Отец последнее время часто взрывается, в ярости кричит страшные слова. Только мама как-то его успокаивает. Мама вмешалась и на это раз. Решительным движением положила на готовальню рейсфедер, молча взяла меня за руку и увела в мою комнату. Она ушла к отцу, прикрыв за собой обе двери. Некоторое время я слышал, как отец кричал: «Он должен понимать, что у нас пока социальное, а не материальное равенство!..» Потом голоса затихли.
Утром мама говорила со мной. Мама всё поняла. Папа обещал купить мне велосипед. Я попросил маму взять велосипедные деньги и купить платье Аннушке. Платье я отдал Ивану. Это было трудно, потому что надо было сделать так, чтобы не обидеть товарища. Я сказал: «Ты не говори, что от меня. Скажи, что сам купил, ладно?.. А то ещё не возьмёт…»

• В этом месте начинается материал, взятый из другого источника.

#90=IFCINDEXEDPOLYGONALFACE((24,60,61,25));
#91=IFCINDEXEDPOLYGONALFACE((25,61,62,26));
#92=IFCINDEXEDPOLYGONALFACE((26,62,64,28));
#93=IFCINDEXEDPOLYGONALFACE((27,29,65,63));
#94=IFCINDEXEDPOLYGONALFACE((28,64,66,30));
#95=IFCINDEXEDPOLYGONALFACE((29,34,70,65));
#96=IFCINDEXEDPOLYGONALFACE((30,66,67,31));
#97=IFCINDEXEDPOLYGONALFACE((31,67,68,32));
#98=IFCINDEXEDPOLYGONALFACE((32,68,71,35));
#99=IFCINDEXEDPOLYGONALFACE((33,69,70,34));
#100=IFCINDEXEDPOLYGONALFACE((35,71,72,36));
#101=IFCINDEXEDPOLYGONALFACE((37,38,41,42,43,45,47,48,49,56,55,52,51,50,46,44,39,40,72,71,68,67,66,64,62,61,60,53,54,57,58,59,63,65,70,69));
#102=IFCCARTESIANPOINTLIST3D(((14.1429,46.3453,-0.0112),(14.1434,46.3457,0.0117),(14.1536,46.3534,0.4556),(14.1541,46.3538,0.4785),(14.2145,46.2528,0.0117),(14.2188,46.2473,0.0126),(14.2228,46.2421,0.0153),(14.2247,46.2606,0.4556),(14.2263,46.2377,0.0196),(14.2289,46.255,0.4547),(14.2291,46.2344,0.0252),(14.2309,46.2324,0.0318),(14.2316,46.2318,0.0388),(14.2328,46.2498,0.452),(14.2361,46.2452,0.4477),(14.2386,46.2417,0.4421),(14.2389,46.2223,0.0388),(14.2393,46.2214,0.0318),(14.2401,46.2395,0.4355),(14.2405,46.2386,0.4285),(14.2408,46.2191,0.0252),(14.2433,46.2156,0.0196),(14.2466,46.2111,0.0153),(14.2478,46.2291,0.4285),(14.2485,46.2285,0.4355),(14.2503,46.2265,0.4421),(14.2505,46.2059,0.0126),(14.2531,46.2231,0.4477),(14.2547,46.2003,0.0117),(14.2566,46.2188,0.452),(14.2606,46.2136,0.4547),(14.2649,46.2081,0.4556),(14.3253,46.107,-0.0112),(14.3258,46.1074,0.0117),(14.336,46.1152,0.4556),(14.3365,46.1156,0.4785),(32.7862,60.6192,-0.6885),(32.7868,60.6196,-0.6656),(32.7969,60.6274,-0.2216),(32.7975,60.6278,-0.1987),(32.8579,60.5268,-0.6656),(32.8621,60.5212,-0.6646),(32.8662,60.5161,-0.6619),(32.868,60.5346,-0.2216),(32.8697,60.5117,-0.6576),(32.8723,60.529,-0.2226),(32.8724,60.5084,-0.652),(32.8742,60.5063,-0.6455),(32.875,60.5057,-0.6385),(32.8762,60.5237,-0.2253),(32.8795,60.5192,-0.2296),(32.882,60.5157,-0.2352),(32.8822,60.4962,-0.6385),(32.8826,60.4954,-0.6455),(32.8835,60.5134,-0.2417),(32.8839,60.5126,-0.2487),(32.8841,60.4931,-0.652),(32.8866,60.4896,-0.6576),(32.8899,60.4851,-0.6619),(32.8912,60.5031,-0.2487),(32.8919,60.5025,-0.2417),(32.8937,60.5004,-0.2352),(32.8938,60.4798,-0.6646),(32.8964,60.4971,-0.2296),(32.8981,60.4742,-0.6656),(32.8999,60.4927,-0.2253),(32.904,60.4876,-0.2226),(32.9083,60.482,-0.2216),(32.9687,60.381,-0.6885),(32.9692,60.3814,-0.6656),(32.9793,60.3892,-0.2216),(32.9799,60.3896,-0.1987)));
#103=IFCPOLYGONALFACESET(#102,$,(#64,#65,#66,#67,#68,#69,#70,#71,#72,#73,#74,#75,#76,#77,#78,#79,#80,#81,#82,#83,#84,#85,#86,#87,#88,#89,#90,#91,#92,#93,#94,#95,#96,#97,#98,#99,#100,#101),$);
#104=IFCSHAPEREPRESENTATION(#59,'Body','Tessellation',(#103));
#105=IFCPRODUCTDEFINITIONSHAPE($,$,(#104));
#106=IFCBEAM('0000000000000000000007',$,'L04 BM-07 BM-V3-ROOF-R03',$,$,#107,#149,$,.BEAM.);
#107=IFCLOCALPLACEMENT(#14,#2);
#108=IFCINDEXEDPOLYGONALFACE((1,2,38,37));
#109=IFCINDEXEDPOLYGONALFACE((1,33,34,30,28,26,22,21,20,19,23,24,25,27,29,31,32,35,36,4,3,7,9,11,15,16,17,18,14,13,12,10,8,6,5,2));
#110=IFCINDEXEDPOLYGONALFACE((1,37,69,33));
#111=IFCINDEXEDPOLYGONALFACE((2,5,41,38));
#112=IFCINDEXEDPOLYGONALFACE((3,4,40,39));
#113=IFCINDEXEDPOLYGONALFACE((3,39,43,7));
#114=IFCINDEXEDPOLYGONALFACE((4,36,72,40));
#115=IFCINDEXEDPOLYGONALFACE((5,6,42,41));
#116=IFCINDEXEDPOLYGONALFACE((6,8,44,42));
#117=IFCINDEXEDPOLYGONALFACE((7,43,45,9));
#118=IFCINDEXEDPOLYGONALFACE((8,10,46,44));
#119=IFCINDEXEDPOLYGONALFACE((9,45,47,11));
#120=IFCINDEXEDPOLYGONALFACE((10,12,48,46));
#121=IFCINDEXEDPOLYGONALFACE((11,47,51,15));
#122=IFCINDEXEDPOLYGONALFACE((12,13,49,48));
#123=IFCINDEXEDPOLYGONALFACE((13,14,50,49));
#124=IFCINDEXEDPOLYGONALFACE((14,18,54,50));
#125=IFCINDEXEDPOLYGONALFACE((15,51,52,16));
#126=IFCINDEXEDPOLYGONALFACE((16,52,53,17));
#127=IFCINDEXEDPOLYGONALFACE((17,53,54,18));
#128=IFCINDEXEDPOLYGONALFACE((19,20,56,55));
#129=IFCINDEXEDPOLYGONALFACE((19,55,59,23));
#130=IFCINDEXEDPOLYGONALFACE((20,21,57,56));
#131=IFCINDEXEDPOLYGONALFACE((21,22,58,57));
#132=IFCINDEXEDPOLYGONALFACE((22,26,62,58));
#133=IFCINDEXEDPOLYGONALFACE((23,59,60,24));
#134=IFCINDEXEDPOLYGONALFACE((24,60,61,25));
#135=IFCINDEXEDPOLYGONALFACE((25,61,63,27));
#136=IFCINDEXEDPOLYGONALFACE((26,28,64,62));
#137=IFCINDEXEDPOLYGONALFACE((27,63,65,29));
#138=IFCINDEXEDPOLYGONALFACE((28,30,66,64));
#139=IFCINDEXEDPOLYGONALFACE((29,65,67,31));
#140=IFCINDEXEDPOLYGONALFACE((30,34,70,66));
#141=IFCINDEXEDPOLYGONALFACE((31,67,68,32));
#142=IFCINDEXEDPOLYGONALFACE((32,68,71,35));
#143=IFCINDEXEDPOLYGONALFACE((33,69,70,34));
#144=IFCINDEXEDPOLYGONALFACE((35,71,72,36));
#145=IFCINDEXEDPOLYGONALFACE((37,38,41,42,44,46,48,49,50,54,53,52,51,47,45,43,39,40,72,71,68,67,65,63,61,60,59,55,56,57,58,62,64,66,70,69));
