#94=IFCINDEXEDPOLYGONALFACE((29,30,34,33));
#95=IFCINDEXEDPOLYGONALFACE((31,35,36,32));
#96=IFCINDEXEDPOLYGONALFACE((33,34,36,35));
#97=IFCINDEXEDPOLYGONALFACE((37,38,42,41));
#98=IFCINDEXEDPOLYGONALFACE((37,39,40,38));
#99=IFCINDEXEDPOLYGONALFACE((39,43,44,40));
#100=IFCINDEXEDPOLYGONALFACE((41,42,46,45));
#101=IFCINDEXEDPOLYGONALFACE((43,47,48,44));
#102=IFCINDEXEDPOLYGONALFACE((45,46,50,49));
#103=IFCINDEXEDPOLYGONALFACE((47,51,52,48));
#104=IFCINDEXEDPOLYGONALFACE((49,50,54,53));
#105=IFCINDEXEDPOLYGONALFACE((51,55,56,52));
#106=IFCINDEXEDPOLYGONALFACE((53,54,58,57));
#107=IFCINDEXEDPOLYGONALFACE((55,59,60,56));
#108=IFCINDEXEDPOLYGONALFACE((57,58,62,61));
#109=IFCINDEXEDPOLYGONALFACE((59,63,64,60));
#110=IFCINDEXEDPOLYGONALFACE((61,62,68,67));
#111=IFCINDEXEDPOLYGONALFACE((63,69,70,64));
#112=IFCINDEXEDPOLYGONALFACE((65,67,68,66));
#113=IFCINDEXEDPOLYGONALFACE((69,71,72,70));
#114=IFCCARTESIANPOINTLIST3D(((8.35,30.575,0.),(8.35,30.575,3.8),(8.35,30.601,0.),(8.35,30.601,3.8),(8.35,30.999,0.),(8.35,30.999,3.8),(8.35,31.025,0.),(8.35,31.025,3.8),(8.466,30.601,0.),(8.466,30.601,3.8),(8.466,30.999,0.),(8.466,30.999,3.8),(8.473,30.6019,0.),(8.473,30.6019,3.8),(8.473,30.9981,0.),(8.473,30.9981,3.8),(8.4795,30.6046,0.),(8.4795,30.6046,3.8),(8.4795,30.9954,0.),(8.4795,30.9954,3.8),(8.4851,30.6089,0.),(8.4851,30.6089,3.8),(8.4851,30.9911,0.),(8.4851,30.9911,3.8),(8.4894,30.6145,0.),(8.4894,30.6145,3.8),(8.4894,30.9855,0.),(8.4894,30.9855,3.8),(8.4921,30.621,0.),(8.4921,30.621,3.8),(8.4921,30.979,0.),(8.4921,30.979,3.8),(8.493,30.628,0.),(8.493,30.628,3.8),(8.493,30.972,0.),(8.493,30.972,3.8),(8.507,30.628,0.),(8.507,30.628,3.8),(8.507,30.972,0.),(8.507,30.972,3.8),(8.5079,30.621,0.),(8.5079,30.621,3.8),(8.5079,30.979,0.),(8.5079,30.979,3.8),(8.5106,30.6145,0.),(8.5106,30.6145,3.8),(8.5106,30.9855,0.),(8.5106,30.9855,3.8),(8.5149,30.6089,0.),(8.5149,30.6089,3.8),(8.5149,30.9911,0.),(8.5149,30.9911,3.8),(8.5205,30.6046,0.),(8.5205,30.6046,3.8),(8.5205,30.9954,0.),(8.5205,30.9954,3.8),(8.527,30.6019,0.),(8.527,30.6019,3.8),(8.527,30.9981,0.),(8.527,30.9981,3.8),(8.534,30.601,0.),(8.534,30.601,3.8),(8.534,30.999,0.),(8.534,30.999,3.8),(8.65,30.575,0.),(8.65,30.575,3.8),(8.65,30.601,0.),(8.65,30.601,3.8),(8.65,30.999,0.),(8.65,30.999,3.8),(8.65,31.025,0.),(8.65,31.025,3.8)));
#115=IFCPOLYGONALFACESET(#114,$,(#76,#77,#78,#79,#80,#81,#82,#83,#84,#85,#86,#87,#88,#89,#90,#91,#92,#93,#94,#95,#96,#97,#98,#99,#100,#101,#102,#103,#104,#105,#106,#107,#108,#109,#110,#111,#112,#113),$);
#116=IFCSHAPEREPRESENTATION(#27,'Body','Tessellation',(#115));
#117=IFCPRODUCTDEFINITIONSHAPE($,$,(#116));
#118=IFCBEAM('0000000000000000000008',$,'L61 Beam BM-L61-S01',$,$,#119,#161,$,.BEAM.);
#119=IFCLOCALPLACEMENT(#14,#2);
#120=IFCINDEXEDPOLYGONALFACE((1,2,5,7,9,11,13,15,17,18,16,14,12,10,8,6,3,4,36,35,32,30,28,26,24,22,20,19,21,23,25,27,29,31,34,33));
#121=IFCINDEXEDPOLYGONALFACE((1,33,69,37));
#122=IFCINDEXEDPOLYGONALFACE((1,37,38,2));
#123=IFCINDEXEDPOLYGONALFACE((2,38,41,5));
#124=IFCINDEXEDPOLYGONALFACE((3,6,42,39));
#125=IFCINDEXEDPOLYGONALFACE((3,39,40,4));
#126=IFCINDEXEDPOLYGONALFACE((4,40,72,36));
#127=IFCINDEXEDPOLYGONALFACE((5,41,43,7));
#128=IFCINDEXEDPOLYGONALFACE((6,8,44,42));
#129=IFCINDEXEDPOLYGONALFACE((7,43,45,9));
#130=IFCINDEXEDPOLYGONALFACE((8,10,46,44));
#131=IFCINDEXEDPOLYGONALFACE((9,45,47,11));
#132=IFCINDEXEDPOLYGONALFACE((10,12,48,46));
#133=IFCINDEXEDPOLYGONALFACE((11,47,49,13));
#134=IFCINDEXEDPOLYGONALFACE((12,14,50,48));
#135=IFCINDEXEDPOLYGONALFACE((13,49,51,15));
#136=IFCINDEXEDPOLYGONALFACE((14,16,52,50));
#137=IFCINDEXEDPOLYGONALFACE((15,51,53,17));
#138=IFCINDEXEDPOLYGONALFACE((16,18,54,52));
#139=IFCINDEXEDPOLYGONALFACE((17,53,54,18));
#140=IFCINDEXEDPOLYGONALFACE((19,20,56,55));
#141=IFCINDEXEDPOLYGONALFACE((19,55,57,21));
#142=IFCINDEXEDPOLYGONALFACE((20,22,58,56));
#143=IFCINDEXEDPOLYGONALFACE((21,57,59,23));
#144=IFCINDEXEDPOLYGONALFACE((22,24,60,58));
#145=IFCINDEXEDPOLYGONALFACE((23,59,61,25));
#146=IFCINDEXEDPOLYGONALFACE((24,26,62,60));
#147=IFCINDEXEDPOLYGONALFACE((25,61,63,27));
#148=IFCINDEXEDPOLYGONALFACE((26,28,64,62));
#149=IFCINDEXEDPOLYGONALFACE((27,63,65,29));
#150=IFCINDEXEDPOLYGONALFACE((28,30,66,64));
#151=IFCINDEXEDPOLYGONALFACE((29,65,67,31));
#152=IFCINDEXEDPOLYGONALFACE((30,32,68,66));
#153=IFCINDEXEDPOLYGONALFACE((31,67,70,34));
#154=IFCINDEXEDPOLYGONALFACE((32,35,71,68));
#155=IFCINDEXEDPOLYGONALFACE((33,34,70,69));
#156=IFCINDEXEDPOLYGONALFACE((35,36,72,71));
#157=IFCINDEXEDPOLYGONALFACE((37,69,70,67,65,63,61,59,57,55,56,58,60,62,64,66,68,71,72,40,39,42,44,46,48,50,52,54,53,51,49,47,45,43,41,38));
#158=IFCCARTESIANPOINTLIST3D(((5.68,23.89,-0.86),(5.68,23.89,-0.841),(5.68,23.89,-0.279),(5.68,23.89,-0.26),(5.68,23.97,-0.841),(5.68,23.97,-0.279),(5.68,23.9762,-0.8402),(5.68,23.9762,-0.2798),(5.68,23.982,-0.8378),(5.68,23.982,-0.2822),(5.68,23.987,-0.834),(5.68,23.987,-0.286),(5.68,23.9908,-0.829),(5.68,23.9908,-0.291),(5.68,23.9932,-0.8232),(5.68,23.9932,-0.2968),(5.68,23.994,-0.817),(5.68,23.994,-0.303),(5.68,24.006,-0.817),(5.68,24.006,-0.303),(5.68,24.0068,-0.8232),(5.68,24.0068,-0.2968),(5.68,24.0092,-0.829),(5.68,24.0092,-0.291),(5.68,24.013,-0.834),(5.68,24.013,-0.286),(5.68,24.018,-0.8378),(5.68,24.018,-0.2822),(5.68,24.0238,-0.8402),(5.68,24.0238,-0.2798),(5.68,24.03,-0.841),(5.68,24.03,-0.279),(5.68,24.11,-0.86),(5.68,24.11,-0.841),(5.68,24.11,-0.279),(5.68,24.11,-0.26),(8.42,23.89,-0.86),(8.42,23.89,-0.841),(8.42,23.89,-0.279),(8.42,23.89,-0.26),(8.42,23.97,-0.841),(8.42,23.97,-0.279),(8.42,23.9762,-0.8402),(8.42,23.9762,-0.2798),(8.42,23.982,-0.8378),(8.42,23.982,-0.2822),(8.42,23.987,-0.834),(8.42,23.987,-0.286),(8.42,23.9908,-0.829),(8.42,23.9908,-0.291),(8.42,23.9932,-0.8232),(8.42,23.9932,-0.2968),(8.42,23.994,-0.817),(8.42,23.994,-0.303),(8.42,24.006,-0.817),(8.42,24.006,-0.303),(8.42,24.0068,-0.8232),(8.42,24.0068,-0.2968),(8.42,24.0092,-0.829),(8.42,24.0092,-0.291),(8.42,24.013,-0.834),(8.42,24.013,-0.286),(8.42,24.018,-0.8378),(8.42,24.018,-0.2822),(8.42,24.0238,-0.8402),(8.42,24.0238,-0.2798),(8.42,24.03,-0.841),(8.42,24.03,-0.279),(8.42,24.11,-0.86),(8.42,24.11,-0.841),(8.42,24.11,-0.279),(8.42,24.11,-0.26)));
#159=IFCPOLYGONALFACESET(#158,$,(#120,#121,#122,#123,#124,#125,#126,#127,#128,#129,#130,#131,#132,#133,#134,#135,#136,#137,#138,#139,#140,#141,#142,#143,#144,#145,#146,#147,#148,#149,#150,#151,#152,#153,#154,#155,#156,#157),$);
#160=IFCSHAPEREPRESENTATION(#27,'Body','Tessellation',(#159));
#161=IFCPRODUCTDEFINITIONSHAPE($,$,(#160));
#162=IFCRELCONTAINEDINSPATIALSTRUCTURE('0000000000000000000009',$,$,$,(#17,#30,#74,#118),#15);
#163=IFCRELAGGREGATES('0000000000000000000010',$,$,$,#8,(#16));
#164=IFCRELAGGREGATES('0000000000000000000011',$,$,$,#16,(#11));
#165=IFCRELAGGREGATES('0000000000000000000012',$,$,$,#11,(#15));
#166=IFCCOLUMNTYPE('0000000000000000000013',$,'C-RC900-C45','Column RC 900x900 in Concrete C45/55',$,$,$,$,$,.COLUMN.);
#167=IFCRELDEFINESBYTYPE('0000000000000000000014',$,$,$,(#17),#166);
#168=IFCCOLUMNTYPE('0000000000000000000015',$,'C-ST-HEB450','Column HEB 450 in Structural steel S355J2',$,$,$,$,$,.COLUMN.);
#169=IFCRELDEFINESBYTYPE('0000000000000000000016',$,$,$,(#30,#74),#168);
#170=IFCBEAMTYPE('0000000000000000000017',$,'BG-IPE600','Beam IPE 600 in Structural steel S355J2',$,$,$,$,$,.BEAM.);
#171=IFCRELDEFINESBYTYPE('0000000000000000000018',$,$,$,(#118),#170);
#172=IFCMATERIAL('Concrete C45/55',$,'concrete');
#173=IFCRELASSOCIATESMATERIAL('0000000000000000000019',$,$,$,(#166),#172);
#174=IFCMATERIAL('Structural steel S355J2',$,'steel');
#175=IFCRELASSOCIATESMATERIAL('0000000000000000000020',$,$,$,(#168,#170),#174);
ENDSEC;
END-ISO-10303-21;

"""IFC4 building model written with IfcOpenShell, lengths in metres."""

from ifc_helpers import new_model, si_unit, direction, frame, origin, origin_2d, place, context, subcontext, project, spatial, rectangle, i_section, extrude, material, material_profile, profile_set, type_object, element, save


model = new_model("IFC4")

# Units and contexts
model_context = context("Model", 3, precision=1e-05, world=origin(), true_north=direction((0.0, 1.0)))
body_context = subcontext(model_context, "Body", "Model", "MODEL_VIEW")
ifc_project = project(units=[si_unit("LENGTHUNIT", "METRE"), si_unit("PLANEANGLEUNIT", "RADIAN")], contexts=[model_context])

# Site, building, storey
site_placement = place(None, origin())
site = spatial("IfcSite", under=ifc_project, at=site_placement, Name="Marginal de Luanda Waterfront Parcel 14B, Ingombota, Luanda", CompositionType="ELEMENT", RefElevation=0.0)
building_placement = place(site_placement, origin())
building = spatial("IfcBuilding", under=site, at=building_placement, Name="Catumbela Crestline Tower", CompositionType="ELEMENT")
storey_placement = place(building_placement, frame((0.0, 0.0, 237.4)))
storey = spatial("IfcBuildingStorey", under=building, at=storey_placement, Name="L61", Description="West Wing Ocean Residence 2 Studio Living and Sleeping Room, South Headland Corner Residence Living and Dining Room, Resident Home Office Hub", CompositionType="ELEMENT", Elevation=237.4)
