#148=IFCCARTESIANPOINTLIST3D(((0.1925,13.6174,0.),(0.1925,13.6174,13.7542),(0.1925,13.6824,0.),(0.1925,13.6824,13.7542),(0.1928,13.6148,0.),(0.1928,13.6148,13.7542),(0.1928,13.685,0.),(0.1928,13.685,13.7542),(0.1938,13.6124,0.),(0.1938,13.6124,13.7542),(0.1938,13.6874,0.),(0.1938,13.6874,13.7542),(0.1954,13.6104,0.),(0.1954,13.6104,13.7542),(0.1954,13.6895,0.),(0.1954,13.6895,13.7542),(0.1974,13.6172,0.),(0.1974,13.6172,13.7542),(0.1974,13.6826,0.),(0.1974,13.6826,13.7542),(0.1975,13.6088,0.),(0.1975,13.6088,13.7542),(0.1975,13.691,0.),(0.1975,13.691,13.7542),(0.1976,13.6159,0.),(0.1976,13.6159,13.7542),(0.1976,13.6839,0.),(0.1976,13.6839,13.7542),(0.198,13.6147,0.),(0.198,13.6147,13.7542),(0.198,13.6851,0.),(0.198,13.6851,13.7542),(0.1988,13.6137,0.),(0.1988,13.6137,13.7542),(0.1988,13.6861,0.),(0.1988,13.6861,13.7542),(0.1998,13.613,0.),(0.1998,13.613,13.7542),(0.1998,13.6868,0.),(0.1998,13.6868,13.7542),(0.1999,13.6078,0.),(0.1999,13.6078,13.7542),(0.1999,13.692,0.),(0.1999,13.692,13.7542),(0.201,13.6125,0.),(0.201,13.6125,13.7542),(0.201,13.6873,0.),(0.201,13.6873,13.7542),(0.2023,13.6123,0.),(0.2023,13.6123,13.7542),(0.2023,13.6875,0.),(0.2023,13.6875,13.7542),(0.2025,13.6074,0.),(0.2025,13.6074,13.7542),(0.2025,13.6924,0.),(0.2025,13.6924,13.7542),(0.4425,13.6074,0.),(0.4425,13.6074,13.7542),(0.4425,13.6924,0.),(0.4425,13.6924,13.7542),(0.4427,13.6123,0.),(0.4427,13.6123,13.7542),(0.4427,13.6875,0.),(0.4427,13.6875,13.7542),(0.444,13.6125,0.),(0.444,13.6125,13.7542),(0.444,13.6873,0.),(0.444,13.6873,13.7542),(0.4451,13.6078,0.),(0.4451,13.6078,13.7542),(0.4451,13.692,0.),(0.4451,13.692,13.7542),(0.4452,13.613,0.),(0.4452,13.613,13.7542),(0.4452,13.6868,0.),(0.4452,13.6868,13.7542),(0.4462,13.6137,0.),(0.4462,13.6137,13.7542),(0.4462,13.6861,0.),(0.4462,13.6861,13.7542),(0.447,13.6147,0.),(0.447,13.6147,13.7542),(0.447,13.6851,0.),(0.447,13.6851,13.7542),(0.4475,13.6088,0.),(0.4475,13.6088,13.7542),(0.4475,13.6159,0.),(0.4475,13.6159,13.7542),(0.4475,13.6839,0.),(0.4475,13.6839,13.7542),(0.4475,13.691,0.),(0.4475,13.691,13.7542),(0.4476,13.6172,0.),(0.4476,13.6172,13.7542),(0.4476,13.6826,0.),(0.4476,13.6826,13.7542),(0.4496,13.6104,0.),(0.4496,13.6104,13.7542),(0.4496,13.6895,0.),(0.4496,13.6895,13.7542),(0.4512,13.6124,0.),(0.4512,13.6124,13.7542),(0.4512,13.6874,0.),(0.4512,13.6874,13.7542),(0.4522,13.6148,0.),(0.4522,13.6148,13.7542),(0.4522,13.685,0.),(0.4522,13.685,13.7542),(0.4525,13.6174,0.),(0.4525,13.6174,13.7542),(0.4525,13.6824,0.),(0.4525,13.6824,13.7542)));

Иван долго смотрел на меня серьёзно и без радости. Потом оправил свой пояс-верёвку, сказал: «Ладно. Сговорюсь с Нюркой», — и взял платье.
На другой день я видел Нюрку в новом коричневом с белым воротником платье. Она сияла и боялась даже облокотиться на парту! Никогда ещё я не был так счастлив! Если бы я мог, я бы всем девчонкам подарил по платью…
… Нашёл в куртке протокол. Гадко. Стыд! Горел на огне совести, как предатель. Поймал-таки меня лесник!
Отнёс протокол отцу. Сказал, что было. Отец посмотрел протокол, задумался, сказал: «Есть пословица: лучше поздно, чем никогда. Я считаю: «поздно» и «никогда» — одно и то же. Рад, что не скрыл, нашёл силы вернуться к позору.
Но бумажку верни Красношеину. Он составлял протокол, он и должен вручить его лесничему…»
Так вот, товарищ Алексей! Думай!..
Утром ходил к моей сосне. Есть такая сосна, на вырубке. Удивительная сосна! Всегда она бережёт для меня тепло. Даже в холодные дни, где-то внутри, под её старой морщинистой корой, я чувствую тепло, когда крепко-крепко прижимаюсь к сосне щекой. Мне спокойно здесь быть. Думать.